- Battle of the Tagus: Part of Barcid conquest of Hispania
| Date | 220 BC |
| Location | Tagus River near the border between today's Guadalajara and Madrid regions, Iberian Peninsula |
| Result | Punic victory |

Belligerents
- Carthaginian Empire: Carpetani Vaccaei Olcades

Commanders and leaders
- Hannibal Barca Hamilcar Barca: Unknown

= Battle of the Tagus (220 BC) =

Carthaginian victory in Hispania

The battle of the Tagus was a confrontation that took place in the framework of the Carthaginian campaigns against the peoples of the Central Plateau of the Iberian Peninsula. It took place in 220 B.C. along the river Tagus, pitting an army commanded by Hannibal Barca against a large Carpetani army, which had been joined by contingents of Vaccaei and Olcades. According to the numbers shown by the classic sources, it had to be the battle that involved a greater number of combatants in the Iberian Peninsula before the Roman presence.

This confrontation is the first pitch battle led by Hannibal Barca - who was then 27 years old - after the sieges of Althia, Helmantiké (Salamanca) and Arbucala (Toro). It is also the first historical account of the Carpetani.

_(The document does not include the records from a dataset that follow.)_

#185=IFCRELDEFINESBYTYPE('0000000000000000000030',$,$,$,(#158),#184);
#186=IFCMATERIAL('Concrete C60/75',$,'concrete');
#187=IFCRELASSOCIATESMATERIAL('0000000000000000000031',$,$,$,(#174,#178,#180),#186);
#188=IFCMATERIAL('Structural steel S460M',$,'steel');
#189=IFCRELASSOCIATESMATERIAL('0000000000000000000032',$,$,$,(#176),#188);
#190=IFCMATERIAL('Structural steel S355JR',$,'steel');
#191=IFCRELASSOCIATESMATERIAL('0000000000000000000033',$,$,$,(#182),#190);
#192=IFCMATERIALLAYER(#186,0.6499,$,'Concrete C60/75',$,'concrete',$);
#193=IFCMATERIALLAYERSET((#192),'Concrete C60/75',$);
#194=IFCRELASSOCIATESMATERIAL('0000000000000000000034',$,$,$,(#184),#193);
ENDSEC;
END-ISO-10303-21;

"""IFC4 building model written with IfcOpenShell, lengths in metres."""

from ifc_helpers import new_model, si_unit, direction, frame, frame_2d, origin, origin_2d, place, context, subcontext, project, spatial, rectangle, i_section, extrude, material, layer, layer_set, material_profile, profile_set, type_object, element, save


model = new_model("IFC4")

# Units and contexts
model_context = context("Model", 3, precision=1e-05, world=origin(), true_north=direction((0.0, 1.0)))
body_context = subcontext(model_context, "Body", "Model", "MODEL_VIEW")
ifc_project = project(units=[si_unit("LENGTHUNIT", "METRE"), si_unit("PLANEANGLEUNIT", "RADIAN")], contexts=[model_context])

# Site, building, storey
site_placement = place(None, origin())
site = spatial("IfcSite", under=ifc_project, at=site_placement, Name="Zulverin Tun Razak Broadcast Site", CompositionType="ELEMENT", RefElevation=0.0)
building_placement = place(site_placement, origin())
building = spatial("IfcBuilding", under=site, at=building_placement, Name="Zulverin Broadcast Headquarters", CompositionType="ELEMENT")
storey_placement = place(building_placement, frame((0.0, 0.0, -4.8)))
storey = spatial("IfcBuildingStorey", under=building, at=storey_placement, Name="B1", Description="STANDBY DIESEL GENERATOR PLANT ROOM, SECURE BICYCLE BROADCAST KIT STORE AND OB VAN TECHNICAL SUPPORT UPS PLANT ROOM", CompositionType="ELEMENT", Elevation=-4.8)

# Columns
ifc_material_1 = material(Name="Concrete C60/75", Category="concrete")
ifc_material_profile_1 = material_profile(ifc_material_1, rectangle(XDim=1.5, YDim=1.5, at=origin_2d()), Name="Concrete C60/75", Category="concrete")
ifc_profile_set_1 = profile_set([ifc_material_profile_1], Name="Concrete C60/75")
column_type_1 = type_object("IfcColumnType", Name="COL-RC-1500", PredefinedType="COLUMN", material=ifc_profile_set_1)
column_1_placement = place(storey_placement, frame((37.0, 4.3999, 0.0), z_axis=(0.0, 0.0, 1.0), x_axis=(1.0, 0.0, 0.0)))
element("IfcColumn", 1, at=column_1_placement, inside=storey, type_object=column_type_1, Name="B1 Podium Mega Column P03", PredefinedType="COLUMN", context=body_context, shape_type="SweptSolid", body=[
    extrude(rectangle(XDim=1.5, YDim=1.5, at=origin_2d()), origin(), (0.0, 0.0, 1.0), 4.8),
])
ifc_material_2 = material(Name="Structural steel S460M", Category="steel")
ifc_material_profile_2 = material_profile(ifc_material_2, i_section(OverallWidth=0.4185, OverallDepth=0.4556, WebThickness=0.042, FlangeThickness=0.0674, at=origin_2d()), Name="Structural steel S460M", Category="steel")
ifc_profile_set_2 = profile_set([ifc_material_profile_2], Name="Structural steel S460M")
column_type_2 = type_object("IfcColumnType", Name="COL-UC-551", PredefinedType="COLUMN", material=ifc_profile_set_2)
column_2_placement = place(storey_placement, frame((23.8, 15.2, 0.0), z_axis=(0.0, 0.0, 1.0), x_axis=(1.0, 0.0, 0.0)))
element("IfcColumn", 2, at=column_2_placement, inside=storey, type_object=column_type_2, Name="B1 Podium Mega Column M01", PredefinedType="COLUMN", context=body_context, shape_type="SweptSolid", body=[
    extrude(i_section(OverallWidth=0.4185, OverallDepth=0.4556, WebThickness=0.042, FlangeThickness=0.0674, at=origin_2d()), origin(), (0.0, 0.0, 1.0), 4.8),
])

The battle took place in one of the fords that allowed crossing the upper stretch of the Tagus. Traditionally, the place known as Valdeguerra, in Colmenar de Oreja, has been considered as the site where this war event took place. Due to the dates of the beginning of Hannibal's campaign (spring); the journey made from Carthage to the place of the battle (more than 1200 kilometers) and the time spent in the sieges of Helmantiké and Arbucala, it is estimated that the battle took place during the autumn.